3 – La terza piattaforma riguarderà i certificati Eu Digital Certificate Covid-19, stabiliti in accordo tra parlamento, commissione e consiglio europeo per agevolare la libera circolazione delle persone tra i Paesi, nonostante la pandemia. Sarà operativa dal 1 luglio, attesterà se una persona è stata vaccinata contro il Coronavirus, oppure ha un risultato recente di test molecolare o antigenico negativo, oppure è guarita dall’infezione. Il documento Eu Digital Green Certificate (Green Pass UE) verrà emesso da una piattaforma nazionale, alimentata con i dati trasmessi dalle regioni, e il documento (sia cartaceo che digitale) avrà un QR code leggibile in tutta Europa, che darà la possibilità di accedere alla piattaforma con i dati relativi ai singoli viaggiatori. Il certificato non costituirà un prerequisito per la libera circolazione che rimane un diritto fondamentale nell’Unione europea, ma la agevola senza ulteriori accertamenti e contribuisce a ridurre le falsificazioni dei certificati stessi. La piattaforma comune garantirà l’interoperabilità tra sistemi diversi.

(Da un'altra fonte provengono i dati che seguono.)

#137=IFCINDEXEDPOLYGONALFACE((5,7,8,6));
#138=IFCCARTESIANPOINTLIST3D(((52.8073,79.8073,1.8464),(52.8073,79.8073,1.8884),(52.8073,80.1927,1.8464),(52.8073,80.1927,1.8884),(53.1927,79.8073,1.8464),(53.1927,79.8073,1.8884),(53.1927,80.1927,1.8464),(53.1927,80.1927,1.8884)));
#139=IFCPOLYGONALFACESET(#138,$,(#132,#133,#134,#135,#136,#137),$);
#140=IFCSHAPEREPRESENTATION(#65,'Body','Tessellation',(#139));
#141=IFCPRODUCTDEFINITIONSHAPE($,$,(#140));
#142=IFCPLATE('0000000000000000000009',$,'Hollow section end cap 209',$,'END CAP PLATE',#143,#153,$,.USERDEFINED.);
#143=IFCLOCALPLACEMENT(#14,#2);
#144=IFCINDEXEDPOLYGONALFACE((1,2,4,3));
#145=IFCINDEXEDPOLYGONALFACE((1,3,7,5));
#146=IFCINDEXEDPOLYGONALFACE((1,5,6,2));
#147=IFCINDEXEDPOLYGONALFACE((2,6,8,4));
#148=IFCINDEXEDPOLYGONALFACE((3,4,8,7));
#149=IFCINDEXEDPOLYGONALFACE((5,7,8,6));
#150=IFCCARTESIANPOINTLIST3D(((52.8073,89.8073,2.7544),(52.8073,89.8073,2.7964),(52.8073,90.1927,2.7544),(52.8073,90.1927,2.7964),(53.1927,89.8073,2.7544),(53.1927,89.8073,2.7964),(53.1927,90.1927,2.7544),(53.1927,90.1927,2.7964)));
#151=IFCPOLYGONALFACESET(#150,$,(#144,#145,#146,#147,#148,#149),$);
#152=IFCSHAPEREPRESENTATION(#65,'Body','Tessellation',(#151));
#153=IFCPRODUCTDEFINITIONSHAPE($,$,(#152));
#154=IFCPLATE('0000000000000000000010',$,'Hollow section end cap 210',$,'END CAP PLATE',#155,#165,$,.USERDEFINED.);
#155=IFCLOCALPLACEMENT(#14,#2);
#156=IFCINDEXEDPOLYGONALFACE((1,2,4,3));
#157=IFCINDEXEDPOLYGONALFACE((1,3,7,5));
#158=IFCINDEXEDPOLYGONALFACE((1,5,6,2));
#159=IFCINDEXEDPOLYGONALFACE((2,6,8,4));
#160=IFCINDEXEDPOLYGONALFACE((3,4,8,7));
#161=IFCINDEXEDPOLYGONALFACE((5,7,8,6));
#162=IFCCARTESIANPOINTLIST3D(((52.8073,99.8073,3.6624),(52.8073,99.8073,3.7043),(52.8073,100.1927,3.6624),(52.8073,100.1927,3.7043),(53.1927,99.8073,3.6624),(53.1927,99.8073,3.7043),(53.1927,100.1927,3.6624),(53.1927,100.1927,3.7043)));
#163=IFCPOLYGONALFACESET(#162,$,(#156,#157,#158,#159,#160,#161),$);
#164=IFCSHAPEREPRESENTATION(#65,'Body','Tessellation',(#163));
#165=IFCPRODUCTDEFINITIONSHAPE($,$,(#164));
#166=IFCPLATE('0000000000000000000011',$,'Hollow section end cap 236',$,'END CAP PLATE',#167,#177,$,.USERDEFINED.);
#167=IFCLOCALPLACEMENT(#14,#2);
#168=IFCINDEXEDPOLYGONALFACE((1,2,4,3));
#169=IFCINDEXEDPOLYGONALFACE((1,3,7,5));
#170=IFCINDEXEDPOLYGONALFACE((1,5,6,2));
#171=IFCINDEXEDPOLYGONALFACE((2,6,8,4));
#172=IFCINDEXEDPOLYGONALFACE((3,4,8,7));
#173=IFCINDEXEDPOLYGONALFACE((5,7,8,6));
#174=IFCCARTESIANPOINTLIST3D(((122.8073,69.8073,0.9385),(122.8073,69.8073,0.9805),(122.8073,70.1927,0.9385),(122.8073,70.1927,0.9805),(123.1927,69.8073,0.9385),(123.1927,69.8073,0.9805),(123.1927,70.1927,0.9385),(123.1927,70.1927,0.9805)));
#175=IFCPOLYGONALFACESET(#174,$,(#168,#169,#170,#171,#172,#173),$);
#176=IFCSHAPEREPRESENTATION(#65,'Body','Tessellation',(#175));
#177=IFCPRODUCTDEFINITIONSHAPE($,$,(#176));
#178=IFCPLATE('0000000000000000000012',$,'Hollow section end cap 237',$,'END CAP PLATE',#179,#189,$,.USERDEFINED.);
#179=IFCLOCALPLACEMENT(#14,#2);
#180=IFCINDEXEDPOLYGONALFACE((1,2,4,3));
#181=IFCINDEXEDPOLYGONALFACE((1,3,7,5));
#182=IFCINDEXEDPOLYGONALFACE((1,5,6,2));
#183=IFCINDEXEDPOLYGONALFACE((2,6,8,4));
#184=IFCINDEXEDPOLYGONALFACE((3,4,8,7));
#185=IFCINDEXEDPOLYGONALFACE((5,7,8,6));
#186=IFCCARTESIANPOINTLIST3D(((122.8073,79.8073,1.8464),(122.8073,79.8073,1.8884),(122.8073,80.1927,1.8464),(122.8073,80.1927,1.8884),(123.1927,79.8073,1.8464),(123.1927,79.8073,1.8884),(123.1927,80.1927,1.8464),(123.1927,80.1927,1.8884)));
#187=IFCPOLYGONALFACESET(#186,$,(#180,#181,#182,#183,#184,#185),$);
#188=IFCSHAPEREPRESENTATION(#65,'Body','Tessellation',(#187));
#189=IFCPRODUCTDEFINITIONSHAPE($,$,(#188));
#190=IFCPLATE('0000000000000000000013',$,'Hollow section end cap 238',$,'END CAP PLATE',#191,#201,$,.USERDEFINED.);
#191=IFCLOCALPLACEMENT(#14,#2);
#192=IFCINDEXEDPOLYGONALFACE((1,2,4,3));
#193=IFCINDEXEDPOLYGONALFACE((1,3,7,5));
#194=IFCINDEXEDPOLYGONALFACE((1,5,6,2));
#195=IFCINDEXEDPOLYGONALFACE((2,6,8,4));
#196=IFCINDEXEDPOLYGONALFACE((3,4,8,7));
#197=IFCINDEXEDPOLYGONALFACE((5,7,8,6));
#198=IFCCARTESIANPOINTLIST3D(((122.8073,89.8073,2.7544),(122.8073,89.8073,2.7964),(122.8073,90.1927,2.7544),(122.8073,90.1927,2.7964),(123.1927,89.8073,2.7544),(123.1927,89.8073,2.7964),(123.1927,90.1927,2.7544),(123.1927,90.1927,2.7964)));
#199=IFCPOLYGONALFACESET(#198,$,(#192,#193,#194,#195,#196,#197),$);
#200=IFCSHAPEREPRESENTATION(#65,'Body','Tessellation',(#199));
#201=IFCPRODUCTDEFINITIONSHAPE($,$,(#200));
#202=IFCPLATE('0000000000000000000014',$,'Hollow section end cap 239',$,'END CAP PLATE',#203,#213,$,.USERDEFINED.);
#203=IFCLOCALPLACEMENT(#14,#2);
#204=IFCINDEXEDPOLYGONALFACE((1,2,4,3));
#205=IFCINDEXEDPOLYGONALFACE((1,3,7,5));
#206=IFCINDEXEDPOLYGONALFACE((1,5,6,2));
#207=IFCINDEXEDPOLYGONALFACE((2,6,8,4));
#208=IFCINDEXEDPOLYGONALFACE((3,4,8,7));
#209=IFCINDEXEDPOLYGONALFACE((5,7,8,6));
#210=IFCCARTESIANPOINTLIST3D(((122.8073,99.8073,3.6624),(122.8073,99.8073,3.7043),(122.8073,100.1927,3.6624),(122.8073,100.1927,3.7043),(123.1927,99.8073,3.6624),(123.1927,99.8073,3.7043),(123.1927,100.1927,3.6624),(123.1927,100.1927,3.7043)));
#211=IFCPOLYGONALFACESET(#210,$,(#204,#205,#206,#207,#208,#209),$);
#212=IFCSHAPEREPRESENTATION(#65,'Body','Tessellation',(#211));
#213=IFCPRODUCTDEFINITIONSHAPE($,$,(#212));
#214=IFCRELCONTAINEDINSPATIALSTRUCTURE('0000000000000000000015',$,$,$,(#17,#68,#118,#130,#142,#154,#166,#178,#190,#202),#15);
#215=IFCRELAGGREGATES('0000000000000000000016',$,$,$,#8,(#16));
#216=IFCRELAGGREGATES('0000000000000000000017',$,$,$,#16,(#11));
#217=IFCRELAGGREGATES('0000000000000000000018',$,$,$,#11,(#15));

Un impegno che ritorna anche nel Global Health Summit (G20 Sanità) che si è tenuto a Roma la scorsa settimana. Tra i principi espressi nel documento finale –  Dichiarazione di Roma – si evince come il tema della complessità dell’infrastruttura informatica, frammentata, anche in Sanità sia un nodo da risolvere. Il Summit (che ha affontato la crisi sanitaria e socio-economica globale, senza precedenti, il documento vale la lettura) ha inserito nei 16 principi della sua dichiarazione l’impegno a “sfruttare le sinergie e costruire piattaforme per facilitare la condivisione dei dati, rafforzare le capacità, accordi volontari per licenze, tecnologie e know-how”. Nel bicchiere mezzo pieno.